El desquite de Eduardiño

Salvador de Bahía, Ribeira Azul. Entre la humanidad desesperada de los alagados brasileños, la historia de un chico. Hace diez años conoció a un sacerdote y este encuentro cambió su vida

gianluigi da rold

José Eduardo Ferreira Santos tiene veintiséis años, pero aparenta menos. Parece un estudiante de bachillerato un poco empollón, pero al mismo tiempo resulta simpático. Es delgado, esbelto, y en el momento en que dice: «Tengo veintiséis años», de repente parece mayor. Lo dice de forma grave, como si pensase rápidamente en su vida, breve pero intensa por todo lo que ha visto, por lo que ha vivido, por cómo, año tras año, se ha convertido en adulto entre los alagados de Salvador de Bahía, los horribles palafitos sobre el mar de la Ribeira Azul, las chozas que corresponden a las favelas de las demás ciudades brasileñas.

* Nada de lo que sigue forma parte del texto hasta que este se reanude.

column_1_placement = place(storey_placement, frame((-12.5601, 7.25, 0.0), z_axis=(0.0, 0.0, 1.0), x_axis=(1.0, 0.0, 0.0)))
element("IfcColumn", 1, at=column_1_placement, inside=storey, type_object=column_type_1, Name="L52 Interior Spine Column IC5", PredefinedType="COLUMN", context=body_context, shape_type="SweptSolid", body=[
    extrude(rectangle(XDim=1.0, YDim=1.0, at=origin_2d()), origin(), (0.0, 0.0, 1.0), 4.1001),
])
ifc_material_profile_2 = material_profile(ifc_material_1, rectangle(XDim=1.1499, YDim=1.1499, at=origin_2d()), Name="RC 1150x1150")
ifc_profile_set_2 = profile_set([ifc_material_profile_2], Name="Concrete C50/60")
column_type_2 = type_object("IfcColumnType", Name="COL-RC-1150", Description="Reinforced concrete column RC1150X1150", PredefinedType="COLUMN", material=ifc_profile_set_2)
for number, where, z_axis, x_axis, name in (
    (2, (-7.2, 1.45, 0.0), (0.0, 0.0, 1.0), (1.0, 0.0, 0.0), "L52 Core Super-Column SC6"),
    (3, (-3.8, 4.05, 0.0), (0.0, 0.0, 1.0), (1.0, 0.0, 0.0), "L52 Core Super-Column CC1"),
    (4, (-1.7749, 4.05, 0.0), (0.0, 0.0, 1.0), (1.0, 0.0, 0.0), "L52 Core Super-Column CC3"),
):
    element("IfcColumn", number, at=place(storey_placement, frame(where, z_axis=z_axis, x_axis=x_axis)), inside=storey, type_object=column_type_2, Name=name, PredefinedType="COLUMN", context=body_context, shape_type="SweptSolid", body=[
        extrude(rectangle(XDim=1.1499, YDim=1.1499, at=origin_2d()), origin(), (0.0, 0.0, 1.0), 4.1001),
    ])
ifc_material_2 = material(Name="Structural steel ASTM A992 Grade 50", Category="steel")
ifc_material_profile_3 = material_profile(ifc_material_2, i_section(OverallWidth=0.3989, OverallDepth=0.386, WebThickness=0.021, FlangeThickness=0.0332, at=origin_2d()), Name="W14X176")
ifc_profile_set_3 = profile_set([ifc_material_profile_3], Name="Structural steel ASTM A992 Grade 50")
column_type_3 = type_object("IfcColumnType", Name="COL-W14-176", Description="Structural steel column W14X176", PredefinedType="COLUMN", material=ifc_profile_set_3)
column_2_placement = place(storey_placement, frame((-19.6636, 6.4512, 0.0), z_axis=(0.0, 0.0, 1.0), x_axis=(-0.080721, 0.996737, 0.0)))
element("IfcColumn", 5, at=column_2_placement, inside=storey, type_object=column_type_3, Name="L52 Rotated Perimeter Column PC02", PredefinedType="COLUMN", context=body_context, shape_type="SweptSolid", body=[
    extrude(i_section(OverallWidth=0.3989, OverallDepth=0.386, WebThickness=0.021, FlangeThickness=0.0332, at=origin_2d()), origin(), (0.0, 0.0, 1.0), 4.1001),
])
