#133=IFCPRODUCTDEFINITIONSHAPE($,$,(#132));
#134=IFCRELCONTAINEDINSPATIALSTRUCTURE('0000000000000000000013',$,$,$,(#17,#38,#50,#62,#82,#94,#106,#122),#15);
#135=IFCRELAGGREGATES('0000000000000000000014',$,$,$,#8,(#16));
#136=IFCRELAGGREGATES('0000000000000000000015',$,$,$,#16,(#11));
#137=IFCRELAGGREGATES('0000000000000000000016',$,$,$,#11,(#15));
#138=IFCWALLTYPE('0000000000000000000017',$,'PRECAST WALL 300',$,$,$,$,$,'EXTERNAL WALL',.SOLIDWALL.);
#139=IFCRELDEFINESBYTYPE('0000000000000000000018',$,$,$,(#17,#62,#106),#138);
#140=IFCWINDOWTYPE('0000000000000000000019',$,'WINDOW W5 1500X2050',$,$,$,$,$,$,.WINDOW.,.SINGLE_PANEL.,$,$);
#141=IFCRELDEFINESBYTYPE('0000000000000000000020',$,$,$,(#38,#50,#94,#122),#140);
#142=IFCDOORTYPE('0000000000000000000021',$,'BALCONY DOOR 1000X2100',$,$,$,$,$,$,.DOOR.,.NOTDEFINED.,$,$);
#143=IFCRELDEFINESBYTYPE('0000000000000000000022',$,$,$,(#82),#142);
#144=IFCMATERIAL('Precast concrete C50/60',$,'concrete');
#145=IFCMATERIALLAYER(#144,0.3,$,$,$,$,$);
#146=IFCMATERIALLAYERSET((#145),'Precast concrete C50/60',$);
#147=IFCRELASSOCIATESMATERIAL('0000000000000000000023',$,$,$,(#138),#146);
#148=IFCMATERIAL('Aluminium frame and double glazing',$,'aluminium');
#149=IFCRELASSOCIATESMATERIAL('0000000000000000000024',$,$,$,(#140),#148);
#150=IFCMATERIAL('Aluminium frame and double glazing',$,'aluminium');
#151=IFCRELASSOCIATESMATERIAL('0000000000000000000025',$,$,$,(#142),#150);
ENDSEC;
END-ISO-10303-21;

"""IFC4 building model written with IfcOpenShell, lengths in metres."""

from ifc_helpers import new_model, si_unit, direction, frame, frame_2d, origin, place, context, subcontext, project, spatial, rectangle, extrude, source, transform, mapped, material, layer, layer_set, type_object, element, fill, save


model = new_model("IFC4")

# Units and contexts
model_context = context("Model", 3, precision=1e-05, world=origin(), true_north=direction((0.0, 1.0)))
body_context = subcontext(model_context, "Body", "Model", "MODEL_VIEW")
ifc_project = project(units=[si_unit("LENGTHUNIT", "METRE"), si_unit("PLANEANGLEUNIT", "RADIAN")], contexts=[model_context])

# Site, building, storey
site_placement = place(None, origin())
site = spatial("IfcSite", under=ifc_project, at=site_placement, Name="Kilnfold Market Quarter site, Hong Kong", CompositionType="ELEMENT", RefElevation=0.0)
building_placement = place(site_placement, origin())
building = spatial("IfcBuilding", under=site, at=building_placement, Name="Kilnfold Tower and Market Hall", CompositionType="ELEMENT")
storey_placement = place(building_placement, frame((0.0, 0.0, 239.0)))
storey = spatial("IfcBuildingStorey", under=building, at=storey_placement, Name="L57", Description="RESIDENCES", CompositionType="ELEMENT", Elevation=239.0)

En brasileño Eduardo se convierte inevitablemente en Eduardiño, por lo que enseguida te viene a la mente la figura de un extremo derecha haciendo regates acrobáticos. El apodo “Dino”, en portugués, se convierte fonéticamente en “Gino”. Así es como le llaman los italianos de AVSI que trabajan en Bahía, y también los chavales de la zona que asisten al Centro educativo Juan Pablo II, casi un oasis en el desierto de violencia y degradación de los alagados. Eduardiño puede contar toda su vida, y resulta clarísimo que no es posible separar su historia de las vicisitudes del Centro educativo, de los alagados y de todo lo que han hecho en Salvador de Bahía los de AVSI y muchas otras personas. “Gino” es el testigo de una conquista de humanidad, de un auténtico rescate humano, después de haber atravesado el infierno que la antigua y espléndida Salvador descrita por Jorge Amado puede reservar para muchos de sus hijos.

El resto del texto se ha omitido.